TL;DR
This paper statistically analyzes the prevalence of warped throat geometries in string theory vacua, finding that such structures capable of explaining the electroweak hierarchy are common, with shorter throats being statistically unavoidable.
Contribution
It provides a quantitative estimate of the frequency and length distribution of warped throats in the string landscape, focusing on KKLT vacua with many 3-cycles.
Findings
Throats explaining the electroweak hierarchy are common in the landscape.
Shorter throats are statistically unavoidable.

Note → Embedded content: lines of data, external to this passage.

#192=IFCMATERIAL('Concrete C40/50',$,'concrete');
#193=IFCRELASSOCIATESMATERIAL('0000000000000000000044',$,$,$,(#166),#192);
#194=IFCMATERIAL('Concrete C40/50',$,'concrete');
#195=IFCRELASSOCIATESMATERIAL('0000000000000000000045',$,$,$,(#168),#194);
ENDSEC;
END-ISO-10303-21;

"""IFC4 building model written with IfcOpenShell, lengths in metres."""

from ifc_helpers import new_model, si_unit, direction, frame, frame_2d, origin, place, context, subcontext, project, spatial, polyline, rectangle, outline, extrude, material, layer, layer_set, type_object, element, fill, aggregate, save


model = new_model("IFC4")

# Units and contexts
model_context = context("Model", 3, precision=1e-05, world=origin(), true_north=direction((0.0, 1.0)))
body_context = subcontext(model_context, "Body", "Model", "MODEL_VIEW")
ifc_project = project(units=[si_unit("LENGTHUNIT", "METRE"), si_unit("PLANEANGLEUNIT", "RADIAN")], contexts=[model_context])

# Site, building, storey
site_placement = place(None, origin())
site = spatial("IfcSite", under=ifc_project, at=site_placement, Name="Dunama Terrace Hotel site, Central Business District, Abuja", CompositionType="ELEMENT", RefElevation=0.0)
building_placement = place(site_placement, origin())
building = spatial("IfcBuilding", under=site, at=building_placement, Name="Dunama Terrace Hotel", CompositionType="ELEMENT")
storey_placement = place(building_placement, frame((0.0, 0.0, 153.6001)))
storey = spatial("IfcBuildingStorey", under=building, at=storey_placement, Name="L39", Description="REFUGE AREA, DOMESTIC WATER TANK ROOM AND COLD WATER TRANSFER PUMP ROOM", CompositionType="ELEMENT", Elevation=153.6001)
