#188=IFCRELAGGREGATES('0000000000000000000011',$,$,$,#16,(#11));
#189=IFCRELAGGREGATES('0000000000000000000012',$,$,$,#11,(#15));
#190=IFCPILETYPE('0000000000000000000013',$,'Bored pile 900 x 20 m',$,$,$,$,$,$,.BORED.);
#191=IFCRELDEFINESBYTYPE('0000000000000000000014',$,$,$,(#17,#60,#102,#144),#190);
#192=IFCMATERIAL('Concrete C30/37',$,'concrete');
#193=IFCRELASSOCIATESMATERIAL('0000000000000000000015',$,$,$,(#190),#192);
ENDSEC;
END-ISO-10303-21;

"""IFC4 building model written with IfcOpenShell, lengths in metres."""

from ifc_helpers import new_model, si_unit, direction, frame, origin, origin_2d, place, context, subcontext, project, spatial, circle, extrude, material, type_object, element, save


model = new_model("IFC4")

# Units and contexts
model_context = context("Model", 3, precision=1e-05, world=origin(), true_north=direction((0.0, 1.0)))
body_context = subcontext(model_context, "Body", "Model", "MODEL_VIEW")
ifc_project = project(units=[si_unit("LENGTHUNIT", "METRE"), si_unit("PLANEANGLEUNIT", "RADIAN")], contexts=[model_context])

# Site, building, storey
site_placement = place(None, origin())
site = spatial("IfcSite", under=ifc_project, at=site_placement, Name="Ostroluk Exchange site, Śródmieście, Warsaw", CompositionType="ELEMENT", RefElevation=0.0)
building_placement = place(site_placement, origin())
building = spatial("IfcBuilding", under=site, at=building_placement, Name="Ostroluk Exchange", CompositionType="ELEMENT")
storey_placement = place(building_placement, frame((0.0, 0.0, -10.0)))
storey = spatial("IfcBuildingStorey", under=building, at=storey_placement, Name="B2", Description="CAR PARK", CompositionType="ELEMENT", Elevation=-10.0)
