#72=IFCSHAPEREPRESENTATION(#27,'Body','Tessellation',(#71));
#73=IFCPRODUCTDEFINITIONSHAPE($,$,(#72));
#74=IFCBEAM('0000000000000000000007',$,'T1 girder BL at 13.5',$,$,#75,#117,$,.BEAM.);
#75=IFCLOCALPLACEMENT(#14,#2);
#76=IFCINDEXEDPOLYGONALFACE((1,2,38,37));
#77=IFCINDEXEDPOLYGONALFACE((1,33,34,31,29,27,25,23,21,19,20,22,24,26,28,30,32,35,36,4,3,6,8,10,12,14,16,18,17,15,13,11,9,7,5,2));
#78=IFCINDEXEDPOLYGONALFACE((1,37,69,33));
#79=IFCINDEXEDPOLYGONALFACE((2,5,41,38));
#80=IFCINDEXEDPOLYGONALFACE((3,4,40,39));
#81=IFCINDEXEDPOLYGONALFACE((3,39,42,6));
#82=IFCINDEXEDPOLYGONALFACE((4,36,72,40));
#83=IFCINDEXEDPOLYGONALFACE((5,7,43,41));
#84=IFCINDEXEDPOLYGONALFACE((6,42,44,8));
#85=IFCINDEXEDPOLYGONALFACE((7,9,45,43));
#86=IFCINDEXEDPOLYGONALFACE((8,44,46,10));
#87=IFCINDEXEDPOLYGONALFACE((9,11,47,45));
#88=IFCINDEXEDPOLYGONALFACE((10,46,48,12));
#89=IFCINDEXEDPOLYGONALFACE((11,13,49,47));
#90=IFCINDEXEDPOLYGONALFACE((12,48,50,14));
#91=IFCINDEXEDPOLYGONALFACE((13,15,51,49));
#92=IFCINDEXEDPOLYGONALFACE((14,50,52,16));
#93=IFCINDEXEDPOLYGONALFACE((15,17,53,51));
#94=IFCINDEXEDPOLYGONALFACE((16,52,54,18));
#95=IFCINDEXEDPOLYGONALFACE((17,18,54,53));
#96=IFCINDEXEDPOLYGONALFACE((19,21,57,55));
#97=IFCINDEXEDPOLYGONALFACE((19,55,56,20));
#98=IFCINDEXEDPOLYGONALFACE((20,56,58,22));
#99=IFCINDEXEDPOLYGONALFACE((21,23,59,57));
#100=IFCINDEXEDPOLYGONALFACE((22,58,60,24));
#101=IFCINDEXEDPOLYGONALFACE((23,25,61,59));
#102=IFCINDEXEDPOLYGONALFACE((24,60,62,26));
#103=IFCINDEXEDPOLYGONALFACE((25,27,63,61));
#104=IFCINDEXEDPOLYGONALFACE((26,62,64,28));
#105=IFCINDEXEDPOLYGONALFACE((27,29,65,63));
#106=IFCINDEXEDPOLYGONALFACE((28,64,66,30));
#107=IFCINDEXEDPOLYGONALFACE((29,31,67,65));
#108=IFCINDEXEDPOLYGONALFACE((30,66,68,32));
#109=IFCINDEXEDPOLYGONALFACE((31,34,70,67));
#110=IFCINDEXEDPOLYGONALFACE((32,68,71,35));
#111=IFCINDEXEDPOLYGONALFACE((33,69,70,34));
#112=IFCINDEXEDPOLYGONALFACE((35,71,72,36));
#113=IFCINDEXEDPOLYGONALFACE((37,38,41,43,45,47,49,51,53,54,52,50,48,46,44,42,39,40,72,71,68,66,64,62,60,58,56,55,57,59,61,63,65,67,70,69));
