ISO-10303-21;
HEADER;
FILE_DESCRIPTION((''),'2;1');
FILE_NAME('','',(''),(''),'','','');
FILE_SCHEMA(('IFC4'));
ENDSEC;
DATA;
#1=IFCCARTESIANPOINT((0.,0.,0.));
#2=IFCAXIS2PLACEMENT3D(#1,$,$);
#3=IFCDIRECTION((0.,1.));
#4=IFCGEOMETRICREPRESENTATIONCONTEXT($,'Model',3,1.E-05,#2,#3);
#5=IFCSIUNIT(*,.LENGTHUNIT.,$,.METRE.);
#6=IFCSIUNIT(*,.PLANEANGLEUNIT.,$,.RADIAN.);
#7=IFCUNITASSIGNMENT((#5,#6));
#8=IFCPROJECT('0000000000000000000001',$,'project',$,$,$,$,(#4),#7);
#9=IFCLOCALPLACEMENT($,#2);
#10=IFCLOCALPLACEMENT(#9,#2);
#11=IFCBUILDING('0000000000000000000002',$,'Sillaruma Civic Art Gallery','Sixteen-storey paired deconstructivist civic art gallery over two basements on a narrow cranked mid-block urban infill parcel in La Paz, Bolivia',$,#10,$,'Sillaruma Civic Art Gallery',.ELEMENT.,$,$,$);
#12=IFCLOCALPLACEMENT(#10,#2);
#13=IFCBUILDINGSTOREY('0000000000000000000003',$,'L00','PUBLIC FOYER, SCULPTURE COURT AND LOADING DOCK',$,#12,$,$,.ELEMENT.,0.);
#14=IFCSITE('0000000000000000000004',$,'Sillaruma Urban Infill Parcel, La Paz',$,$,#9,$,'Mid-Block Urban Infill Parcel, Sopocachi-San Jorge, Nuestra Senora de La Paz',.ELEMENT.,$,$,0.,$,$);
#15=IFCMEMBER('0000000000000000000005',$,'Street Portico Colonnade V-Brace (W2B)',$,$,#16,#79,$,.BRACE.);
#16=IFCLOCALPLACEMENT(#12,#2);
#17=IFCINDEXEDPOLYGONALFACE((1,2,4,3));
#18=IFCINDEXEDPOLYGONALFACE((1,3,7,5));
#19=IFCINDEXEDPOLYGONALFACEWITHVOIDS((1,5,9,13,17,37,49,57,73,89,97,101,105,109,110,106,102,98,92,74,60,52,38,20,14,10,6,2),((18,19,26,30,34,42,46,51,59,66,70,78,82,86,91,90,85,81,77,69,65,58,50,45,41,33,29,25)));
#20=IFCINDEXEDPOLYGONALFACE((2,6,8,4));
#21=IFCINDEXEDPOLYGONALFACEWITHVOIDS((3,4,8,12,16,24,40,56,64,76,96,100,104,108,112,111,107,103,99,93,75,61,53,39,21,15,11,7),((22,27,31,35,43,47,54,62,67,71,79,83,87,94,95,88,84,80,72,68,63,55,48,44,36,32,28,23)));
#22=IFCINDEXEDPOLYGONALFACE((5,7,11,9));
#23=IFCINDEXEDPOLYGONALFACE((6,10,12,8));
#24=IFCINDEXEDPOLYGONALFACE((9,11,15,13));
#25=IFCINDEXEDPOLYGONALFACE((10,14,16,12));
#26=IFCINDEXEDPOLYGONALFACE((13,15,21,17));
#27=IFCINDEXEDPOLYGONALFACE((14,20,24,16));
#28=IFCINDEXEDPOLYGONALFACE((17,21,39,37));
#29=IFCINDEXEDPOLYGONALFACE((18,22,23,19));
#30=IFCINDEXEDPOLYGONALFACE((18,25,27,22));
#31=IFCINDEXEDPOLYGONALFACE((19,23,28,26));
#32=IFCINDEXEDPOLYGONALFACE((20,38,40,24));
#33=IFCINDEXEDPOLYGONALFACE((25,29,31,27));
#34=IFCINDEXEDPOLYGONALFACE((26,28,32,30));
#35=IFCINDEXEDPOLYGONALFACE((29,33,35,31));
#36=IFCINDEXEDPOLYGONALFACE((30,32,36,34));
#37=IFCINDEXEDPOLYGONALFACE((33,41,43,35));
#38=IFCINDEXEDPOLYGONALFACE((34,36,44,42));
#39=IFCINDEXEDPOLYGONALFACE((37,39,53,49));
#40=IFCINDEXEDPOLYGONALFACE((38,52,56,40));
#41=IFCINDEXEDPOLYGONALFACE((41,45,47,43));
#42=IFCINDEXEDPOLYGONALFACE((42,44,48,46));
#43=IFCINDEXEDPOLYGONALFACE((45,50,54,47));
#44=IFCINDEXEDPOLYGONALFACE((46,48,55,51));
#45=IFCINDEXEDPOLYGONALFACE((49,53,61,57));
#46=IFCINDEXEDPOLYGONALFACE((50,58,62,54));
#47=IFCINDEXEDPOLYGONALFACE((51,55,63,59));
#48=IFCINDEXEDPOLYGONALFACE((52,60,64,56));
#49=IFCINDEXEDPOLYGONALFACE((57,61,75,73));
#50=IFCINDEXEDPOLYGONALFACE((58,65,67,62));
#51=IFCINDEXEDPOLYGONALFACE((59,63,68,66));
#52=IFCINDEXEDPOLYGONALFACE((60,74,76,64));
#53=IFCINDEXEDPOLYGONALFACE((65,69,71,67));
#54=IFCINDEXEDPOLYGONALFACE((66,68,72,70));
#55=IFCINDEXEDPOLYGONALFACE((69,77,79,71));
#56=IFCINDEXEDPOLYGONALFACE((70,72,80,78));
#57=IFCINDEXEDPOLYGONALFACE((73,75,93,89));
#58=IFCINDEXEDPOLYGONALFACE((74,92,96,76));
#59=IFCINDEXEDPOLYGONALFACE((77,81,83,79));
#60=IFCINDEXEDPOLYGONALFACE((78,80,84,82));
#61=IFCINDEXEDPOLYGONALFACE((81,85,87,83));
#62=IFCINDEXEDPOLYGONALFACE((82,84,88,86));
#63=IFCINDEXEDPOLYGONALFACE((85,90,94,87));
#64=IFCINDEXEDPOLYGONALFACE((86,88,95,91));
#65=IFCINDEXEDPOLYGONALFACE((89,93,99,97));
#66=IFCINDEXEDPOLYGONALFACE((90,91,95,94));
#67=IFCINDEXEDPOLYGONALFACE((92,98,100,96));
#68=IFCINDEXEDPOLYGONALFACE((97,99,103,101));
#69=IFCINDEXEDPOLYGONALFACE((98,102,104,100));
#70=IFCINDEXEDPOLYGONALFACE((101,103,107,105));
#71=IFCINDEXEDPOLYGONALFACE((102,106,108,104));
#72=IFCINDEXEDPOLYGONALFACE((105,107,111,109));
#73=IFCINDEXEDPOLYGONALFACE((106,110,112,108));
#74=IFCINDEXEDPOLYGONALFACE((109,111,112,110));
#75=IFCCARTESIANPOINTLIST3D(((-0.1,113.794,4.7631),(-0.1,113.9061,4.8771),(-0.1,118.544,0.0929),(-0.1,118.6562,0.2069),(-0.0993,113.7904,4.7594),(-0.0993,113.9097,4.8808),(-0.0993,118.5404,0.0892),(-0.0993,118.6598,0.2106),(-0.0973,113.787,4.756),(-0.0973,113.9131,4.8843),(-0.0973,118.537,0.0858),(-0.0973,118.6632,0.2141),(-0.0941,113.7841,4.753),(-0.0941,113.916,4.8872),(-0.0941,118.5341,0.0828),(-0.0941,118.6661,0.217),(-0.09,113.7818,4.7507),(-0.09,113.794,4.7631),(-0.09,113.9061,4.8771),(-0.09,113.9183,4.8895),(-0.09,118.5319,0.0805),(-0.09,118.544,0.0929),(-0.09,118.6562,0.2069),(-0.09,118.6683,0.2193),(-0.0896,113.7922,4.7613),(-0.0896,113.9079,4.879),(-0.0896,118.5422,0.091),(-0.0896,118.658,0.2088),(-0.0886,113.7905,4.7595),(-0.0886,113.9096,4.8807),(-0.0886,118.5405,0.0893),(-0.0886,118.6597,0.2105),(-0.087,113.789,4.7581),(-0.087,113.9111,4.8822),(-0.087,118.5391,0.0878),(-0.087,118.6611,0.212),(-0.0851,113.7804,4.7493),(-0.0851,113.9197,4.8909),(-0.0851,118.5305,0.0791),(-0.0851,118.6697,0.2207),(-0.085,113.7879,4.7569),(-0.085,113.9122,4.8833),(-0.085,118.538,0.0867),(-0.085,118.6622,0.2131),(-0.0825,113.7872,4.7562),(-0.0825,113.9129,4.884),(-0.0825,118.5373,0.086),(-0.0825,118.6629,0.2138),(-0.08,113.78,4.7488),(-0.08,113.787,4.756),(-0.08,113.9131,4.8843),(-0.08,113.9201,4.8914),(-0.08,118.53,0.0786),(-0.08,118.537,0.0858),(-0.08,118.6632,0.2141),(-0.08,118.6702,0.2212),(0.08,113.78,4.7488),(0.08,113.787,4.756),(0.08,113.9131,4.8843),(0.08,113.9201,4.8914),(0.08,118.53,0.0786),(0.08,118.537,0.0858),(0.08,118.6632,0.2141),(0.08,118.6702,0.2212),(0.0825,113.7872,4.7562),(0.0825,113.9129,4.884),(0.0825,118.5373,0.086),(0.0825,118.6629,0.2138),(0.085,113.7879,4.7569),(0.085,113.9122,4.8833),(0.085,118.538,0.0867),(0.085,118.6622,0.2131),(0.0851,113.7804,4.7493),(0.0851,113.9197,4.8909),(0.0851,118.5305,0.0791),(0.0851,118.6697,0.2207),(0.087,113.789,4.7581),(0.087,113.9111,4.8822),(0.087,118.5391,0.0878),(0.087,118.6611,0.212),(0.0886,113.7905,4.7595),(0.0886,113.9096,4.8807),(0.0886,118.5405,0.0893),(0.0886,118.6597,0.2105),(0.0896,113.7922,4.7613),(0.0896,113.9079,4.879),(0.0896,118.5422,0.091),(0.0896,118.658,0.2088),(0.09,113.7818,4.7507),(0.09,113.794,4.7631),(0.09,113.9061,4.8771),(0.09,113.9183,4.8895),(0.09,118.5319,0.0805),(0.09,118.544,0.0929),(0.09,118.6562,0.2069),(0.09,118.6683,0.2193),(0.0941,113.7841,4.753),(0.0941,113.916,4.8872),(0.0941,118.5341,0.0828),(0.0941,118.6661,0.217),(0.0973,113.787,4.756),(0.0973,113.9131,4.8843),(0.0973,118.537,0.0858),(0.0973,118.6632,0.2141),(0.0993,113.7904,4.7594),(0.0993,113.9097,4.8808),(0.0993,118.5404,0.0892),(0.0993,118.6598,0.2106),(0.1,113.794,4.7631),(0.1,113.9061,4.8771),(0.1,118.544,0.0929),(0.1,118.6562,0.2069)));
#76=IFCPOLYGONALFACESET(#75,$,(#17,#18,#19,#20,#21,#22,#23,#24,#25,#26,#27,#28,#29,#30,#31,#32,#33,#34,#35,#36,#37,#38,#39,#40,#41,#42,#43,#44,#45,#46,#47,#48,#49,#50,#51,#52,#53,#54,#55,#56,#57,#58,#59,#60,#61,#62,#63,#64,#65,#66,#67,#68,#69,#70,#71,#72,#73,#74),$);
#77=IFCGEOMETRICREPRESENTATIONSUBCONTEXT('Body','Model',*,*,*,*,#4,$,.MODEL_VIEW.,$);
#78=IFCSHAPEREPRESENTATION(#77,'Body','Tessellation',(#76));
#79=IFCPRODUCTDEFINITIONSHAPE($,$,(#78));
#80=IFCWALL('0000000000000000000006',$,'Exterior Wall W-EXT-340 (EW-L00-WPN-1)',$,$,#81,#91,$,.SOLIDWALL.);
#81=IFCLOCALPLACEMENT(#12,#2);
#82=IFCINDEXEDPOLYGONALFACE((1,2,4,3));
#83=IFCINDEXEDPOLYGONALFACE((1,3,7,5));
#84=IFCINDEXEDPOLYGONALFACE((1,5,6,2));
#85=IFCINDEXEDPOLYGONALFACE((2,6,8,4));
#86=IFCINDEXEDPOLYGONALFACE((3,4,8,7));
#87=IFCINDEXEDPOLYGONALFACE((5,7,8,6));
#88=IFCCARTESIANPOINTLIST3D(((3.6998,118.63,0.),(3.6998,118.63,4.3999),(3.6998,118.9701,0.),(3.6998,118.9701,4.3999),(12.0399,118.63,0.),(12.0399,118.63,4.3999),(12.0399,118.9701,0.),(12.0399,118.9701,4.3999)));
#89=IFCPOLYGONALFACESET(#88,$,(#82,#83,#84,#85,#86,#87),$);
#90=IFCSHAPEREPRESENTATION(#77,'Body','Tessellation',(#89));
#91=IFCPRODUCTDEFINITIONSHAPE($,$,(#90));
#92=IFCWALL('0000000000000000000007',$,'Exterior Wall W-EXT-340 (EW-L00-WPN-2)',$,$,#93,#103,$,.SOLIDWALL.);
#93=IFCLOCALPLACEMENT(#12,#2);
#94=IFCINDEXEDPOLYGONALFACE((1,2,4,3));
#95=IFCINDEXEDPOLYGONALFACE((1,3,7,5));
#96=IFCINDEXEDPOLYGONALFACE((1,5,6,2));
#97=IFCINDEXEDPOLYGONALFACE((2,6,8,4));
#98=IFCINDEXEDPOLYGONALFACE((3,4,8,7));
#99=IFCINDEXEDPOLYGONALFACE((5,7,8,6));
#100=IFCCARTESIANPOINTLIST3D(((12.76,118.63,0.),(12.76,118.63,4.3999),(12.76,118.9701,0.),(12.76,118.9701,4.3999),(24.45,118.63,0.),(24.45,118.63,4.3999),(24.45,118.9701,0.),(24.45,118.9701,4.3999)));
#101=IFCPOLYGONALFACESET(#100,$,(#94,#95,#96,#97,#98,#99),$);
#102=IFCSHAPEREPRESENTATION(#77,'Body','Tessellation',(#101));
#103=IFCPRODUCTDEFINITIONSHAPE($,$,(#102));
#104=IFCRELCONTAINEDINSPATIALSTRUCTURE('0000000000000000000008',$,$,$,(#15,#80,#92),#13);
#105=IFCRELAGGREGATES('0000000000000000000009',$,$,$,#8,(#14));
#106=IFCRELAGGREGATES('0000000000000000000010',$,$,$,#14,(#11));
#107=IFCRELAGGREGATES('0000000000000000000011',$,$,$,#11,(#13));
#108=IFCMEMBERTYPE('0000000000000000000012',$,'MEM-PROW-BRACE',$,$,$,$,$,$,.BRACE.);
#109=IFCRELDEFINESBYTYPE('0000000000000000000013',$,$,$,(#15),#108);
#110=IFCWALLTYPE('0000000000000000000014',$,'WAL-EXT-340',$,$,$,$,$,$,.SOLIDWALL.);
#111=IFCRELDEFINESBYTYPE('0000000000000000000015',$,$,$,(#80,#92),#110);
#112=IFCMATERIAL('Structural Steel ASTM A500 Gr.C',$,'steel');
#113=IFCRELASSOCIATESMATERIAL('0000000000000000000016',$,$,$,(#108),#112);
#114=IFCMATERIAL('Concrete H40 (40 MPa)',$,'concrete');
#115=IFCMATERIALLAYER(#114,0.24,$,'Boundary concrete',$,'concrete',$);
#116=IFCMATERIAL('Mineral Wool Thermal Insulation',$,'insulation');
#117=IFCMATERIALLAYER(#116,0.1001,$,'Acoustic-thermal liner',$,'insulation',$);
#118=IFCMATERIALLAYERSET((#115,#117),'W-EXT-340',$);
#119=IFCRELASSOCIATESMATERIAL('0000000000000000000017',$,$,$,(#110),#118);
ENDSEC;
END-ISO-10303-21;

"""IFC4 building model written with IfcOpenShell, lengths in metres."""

from ifc_helpers import new_model, si_unit, direction, frame, frame_2d, origin, origin_2d, place, context, subcontext, project, spatial, rectangle, hollow_rectangle, extrude, material, layer, layer_set, material_profile, profile_set, type_object, element, save


model = new_model("IFC4")

# Units and contexts
model_context = context("Model", 3, precision=1e-05, world=origin(), true_north=direction((0.0, 1.0)))
body_context = subcontext(model_context, "Body", "Model", "MODEL_VIEW")
ifc_project = project(units=[si_unit("LENGTHUNIT", "METRE"), si_unit("PLANEANGLEUNIT", "RADIAN")], contexts=[model_context])

# Site, building, storey
site_placement = place(None, origin())
site = spatial("IfcSite", under=ifc_project, at=site_placement, Name="Sillaruma Urban Infill Parcel, La Paz", LongName="Mid-Block Urban Infill Parcel, Sopocachi-San Jorge, Nuestra Senora de La Paz", CompositionType="ELEMENT", RefElevation=0.0)
building_placement = place(site_placement, origin())
building = spatial("IfcBuilding", under=site, at=building_placement, Name="Sillaruma Civic Art Gallery", Description="Sixteen-storey paired deconstructivist civic art gallery over two basements on a narrow cranked mid-block urban infill parcel in La Paz, Bolivia", LongName="Sillaruma Civic Art Gallery", CompositionType="ELEMENT")
storey_placement = place(building_placement, origin())
storey = spatial("IfcBuildingStorey", under=building, at=storey_placement, Name="L00", Description="PUBLIC FOYER, SCULPTURE COURT AND LOADING DOCK", CompositionType="ELEMENT", Elevation=0.0)

# Shared definitions
ifc_material_1 = material(Name="Concrete H40 (40 MPa)", Category="concrete")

Large fractions of vacua contain multiple warped throats.
Abstract
We attempt to quantify the widely-held belief that large hierarchies induced by strongly-warped geometries are common in the string theory landscape. To this end, we focus on the arguably best-understood subset of vacua -- type IIB Calabi-Yau orientifolds with non-perturbative Kaehler stabilization and a SUSY-breaking uplift (the KKLT setup). Within this framework, vacua with a realistically small cosmological constant are expected to come from Calabi-Yaus with a large number of 3-cycles. For appropriate choices of flux numbers, many of these 3-cycles can, in general, shrink to produce near-conifold geometries. Thus, a simple statistical analysis in the spirit of Denef and Douglas allows us to estimate the expected number and length of Klebanov-Strassler throats in the given set of vacua. We find that throats capable of explaining the electroweak hierarchy are expected to be present in…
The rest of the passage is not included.